After a decade of bare-bones budgets and voter approval of a permanent 3/4-cent sales tax increase, the city is still short staffed, with deteriorating streets and perhaps some lingering shadow from post-bankruptcy publicity about rising crime rates.
But Vallejo also is located in a part of the booming San Francisco Bay area ranked last year as one of the 10 hottest real estate areas in the nation. And there are promising plans for further development of the waterfront and the former Mare Island Naval Shipyard.
Since filing for bankruptcy in May 2008, a chastened city council has managed forecasts of five-year budget deficits, while preparing for the next downturn by building a $4.6 million surplus and a $21 million reserve at the end of the fiscal year last June.
“This council has seen the impact of bankruptcy, and it was not pretty for the city of Vallejo,” said Mayor Bob Sampayan. “I can speak for all of us.

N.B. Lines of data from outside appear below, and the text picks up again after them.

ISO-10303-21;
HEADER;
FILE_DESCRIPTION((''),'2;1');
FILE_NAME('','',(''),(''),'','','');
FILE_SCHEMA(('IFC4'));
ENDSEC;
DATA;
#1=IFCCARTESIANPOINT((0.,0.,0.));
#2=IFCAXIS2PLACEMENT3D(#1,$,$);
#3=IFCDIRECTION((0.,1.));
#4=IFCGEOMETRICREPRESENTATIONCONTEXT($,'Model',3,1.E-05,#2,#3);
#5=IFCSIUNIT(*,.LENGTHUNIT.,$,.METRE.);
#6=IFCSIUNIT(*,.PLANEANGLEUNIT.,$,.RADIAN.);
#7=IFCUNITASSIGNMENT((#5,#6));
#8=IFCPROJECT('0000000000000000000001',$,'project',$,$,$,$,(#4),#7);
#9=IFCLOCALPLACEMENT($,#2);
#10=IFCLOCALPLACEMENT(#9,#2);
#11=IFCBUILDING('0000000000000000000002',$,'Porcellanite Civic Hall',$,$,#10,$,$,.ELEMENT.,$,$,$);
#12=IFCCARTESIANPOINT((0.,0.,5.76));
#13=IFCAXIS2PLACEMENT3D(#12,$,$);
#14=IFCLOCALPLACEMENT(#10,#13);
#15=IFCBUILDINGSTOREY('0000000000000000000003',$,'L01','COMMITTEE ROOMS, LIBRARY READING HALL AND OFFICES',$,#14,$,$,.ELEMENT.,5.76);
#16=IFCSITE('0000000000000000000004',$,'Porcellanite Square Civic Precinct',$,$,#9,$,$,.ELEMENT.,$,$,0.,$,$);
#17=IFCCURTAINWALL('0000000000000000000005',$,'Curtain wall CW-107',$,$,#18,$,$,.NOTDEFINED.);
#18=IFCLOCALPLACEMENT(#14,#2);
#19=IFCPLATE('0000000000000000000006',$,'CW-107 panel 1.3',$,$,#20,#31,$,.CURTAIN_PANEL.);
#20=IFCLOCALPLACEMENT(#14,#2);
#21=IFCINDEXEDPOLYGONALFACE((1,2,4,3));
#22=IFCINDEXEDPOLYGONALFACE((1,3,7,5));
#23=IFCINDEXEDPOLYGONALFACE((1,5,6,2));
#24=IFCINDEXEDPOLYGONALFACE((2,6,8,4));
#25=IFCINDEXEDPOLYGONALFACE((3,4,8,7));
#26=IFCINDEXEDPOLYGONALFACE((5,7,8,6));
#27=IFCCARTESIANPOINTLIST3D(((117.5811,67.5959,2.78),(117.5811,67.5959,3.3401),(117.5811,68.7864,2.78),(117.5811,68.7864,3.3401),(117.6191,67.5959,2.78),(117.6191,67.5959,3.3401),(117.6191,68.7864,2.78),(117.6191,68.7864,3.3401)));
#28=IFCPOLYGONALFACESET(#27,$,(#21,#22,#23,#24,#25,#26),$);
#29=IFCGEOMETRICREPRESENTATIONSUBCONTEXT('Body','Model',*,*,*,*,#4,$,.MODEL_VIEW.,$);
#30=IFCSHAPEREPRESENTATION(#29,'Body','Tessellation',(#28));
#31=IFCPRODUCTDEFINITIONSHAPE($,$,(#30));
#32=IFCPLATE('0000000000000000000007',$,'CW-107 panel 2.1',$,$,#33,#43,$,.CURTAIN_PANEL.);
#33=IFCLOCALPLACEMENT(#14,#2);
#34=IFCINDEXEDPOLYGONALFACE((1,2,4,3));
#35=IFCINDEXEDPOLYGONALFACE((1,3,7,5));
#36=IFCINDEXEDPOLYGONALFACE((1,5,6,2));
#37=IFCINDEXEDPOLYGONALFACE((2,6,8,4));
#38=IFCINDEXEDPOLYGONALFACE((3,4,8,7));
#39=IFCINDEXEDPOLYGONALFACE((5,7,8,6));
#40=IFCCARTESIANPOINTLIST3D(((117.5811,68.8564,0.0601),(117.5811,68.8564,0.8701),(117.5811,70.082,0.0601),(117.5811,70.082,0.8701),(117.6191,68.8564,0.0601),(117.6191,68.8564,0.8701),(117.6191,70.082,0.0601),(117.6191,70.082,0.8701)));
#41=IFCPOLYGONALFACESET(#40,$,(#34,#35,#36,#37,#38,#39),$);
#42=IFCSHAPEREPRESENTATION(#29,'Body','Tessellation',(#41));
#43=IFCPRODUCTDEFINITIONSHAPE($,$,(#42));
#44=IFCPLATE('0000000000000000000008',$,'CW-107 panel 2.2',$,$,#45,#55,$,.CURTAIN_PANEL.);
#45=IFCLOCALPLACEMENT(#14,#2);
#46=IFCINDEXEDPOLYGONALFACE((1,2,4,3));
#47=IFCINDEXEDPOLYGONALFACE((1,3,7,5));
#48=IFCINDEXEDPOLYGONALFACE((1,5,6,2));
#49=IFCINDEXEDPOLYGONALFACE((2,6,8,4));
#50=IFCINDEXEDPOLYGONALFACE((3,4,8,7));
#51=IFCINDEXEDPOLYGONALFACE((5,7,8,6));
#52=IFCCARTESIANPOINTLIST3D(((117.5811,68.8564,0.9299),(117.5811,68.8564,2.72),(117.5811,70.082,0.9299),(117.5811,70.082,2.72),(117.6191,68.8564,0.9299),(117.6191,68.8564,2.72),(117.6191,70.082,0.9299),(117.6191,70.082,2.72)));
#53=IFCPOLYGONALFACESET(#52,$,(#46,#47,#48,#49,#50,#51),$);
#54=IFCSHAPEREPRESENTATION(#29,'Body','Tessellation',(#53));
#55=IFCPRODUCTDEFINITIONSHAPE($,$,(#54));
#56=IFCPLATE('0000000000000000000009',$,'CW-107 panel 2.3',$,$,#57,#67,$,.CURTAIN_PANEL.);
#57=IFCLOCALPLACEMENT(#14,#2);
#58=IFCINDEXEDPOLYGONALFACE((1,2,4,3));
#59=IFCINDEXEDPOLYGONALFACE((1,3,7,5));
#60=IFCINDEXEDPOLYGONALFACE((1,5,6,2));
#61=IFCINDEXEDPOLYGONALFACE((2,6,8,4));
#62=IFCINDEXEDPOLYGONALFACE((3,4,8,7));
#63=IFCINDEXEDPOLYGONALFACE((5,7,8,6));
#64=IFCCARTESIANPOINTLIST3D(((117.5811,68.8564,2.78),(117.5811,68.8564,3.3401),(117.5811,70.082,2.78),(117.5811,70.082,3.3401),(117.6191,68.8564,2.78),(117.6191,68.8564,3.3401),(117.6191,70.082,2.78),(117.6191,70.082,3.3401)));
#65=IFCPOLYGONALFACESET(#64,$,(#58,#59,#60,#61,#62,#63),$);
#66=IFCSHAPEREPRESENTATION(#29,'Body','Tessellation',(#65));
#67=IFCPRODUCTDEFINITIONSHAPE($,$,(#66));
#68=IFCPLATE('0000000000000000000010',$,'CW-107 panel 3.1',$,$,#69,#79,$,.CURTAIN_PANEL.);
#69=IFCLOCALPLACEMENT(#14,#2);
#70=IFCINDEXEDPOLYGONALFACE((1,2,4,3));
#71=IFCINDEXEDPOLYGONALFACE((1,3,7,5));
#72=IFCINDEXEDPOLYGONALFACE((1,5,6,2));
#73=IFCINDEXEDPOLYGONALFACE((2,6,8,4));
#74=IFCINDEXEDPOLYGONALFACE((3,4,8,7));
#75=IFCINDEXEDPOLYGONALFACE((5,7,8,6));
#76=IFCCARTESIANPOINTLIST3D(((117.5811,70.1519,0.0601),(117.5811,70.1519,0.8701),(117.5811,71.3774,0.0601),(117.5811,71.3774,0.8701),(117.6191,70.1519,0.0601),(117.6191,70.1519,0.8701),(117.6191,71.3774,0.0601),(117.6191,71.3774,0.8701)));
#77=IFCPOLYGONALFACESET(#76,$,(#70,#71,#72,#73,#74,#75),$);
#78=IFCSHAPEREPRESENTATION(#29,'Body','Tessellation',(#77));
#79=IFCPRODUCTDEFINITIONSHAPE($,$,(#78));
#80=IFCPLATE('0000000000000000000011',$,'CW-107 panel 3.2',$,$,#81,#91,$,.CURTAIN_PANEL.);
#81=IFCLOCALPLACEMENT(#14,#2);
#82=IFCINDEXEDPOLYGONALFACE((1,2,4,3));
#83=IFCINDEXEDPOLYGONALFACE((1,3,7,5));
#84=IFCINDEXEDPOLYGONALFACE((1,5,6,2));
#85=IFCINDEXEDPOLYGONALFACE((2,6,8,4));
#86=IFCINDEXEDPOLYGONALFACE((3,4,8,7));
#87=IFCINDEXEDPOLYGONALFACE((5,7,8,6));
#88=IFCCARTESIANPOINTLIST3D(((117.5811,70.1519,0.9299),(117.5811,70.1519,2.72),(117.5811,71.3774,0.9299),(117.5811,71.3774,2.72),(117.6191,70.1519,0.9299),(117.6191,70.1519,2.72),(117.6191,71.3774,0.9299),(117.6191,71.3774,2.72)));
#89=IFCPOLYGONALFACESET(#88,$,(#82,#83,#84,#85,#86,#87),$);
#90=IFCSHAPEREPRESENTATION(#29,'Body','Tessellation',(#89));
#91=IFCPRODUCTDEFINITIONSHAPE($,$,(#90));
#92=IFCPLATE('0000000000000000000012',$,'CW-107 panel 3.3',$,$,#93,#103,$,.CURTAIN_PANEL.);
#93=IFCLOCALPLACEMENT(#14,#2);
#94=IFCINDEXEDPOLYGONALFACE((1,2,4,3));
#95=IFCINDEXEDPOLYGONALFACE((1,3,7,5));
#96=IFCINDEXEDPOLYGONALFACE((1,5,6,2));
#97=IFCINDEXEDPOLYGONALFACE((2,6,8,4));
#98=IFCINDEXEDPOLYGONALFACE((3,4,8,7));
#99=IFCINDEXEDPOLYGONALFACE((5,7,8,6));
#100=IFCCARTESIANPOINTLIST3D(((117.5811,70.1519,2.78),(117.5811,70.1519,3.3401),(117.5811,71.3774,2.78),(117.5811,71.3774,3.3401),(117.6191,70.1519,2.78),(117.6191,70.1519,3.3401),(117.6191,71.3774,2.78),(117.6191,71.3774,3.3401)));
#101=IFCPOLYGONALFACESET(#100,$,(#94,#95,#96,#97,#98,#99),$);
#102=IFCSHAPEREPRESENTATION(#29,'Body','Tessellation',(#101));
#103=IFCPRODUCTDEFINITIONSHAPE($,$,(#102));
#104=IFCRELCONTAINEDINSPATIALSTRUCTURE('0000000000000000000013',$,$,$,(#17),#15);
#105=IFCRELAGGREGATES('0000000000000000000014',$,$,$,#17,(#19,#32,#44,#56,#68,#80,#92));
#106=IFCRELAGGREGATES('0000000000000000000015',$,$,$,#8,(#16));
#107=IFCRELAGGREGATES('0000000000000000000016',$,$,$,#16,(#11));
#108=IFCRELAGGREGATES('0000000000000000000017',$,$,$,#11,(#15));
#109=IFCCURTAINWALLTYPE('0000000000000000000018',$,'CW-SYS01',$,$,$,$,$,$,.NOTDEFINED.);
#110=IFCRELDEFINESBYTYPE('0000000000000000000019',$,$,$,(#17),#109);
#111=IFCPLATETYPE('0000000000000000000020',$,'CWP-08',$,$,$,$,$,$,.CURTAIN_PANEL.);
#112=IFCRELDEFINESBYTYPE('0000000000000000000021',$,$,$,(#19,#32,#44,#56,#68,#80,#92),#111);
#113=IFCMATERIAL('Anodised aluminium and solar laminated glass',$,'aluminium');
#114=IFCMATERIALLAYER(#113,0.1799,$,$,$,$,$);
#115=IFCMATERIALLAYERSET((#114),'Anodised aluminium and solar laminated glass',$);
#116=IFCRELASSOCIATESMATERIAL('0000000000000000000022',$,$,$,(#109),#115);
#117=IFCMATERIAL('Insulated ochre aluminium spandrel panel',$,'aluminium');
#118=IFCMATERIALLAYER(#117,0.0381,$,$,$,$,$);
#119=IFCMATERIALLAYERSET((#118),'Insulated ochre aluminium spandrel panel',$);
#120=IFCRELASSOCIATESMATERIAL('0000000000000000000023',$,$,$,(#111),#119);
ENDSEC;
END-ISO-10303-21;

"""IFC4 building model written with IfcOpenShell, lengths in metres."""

from ifc_helpers import new_model, si_unit, direction, frame, origin, origin_2d, place, context, subcontext, project, spatial, rectangle, extrude, material, layer, layer_set, type_object, element, aggregate, save


model = new_model("IFC4")

# Units and contexts
model_context = context("Model", 3, precision=1e-05, world=origin(), true_north=direction((0.0, 1.0)))
body_context = subcontext(model_context, "Body", "Model", "MODEL_VIEW")
ifc_project = project(units=[si_unit("LENGTHUNIT", "METRE"), si_unit("PLANEANGLEUNIT", "RADIAN")], contexts=[model_context])

# Site, building, storey
site_placement = place(None, origin())
site = spatial("IfcSite", under=ifc_project, at=site_placement, Name="Porcellanite Square Civic Precinct", CompositionType="ELEMENT", RefElevation=0.0)
building_placement = place(site_placement, origin())
building = spatial("IfcBuilding", under=site, at=building_placement, Name="Porcellanite Civic Hall", CompositionType="ELEMENT")
storey_placement = place(building_placement, frame((0.0, 0.0, 5.76)))
storey = spatial("IfcBuildingStorey", under=building, at=storey_placement, Name="L01", Description="COMMITTEE ROOMS, LIBRARY READING HALL AND OFFICES", CompositionType="ELEMENT", Elevation=5.76)

# Curtain wall
ifc_material_1 = material(Name="Anodised aluminium and solar laminated glass", Category="aluminium")
ifc_layer_1 = layer(ifc_material_1, 0.1799)
ifc_layer_set_1 = layer_set([ifc_layer_1], Name="Anodised aluminium and solar laminated glass")
curtain_wall_type = type_object("IfcCurtainWallType", Name="CW-SYS01", PredefinedType="NOTDEFINED", material=ifc_layer_set_1)
curtain_wall_placement = place(storey_placement, origin())
curtain_wall = element("IfcCurtainWall", 1, at=curtain_wall_placement, inside=storey, type_object=curtain_wall_type, Name="Curtain wall CW-107", PredefinedType="NOTDEFINED")

# Plates
ifc_material_2 = material(Name="Insulated ochre aluminium spandrel panel", Category="aluminium")
ifc_layer_2 = layer(ifc_material_2, 0.0381)
ifc_layer_set_2 = layer_set([ifc_layer_2], Name="Insulated ochre aluminium spandrel panel")
plate_type = type_object("IfcPlateType", Name="CWP-08", PredefinedType="CURTAIN_PANEL", material=ifc_layer_set_2)
plate_1_placement = place(storey_placement, frame((117.6001, 68.1912, 2.78), z_axis=(0.0, 0.0, 1.0), x_axis=(0.0, 1.0, 0.0)))
plate_1 = element("IfcPlate", 2, at=plate_1_placement, type_object=plate_type, Name="CW-107 panel 1.3", PredefinedType="CURTAIN_PANEL", context=body_context, shape_type="SweptSolid", body=[
    extrude(rectangle(XDim=1.1904, YDim=0.0381, at=origin_2d()), origin(), (0.0, 0.0, 1.0), 0.5601),
])
plate_2_placement = place(storey_placement, frame((117.6001, 69.4692, 0.0601), z_axis=(0.0, 0.0, 1.0), x_axis=(0.0, 1.0, 0.0)))
plate_2 = element("IfcPlate", 3, at=plate_2_placement, type_object=plate_type, Name="CW-107 panel 2.1", PredefinedType="CURTAIN_PANEL", context=body_context, shape_type="SweptSolid", body=[
    extrude(rectangle(XDim=1.2256, YDim=0.0381, at=origin_2d()), origin(), (0.0, 0.0, 1.0), 0.8101),
])
plate_3_placement = place(storey_placement, frame((117.6001, 69.4692, 0.9299), z_axis=(0.0, 0.0, 1.0), x_axis=(0.0, 1.0, 0.0)))
plate_3 = element("IfcPlate", 4, at=plate_3_placement, type_object=plate_type, Name="CW-107 panel 2.2", PredefinedType="CURTAIN_PANEL", context=body_context, shape_type="SweptSolid", body=[
    extrude(rectangle(XDim=1.2256, YDim=0.0381, at=origin_2d()), origin(), (0.0, 0.0, 1.0), 1.79),
])
plate_4_placement = place(storey_placement, frame((117.6001, 69.4692, 2.78), z_axis=(0.0, 0.0, 1.0), x_axis=(0.0, 1.0, 0.0)))
plate_4 = element("IfcPlate", 5, at=plate_4_placement, type_object=plate_type, Name="CW-107 panel 2.3", PredefinedType="CURTAIN_PANEL", context=body_context, shape_type="SweptSolid", body=[
    extrude(rectangle(XDim=1.2256, YDim=0.0381, at=origin_2d()), origin(), (0.0, 0.0, 1.0), 0.5601),
])
plate_5_placement = place(storey_placement, frame((117.6001, 70.7646, 0.0601), z_axis=(0.0, 0.0, 1.0), x_axis=(0.0, 1.0, 0.0)))
plate_5 = element("IfcPlate", 6, at=plate_5_placement, type_object=plate_type, Name="CW-107 panel 3.1", PredefinedType="CURTAIN_PANEL", context=body_context, shape_type="SweptSolid", body=[
    extrude(rectangle(XDim=1.2256, YDim=0.0381, at=origin_2d()), origin(), (0.0, 0.0, 1.0), 0.8101),
])
plate_6_placement = place(storey_placement, frame((117.6001, 70.7646, 0.9299), z_axis=(0.0, 0.0, 1.0), x_axis=(0.0, 1.0, 0.0)))
plate_6 = element("IfcPlate", 7, at=plate_6_placement, type_object=plate_type, Name="CW-107 panel 3.2", PredefinedType="CURTAIN_PANEL", context=body_context, shape_type="SweptSolid", body=[
    extrude(rectangle(XDim=1.2256, YDim=0.0381, at=origin_2d()), origin(), (0.0, 0.0, 1.0), 1.79),
])
plate_7_placement = place(storey_placement, frame((117.6001, 70.7646, 2.78), z_axis=(0.0, 0.0, 1.0), x_axis=(0.0, 1.0, 0.0)))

We have all vowed that will never happen again.”
The mayor made the remark last month after the city council received a new budget forecast from a national consulting firm with many California clients, Management Partners, which helped lead Stockton and San Bernardino out of bankruptcy.
A deep look at revenue and spending data found that Vallejo’s general fund of $107 million this fiscal year, up from $85.8 million when bankruptcy was filed, is on a path to have a deficit of $28 million in 2027 and $90 million in 2037.
“These outcomes wouldn’t happen because you would take corrective action to reverse it,” Robert Leland of Management Partners told the council. (See forecast here on video of Dec. 18 council meeting)
The mayor, a CalPERS retiree who said the soaring pension costs are “scary,” was concerned after a first glance that the new forecast assumed the city would not hire more staff, meaning the projected shortfall could be larger.
“We are so down on employees that we don’t have a choice as to whether or not we should or should not hire,” Sampayan said. “The bottom line is we need to hire.”
Increases in staff over the last eight years averaged 14 a year, said the new forecast. But from its peak, staff also is down 14 percent or 68 full-time equivalents. The high was 497 in 2001, the bottom 317 in 2010, and the current number is 429.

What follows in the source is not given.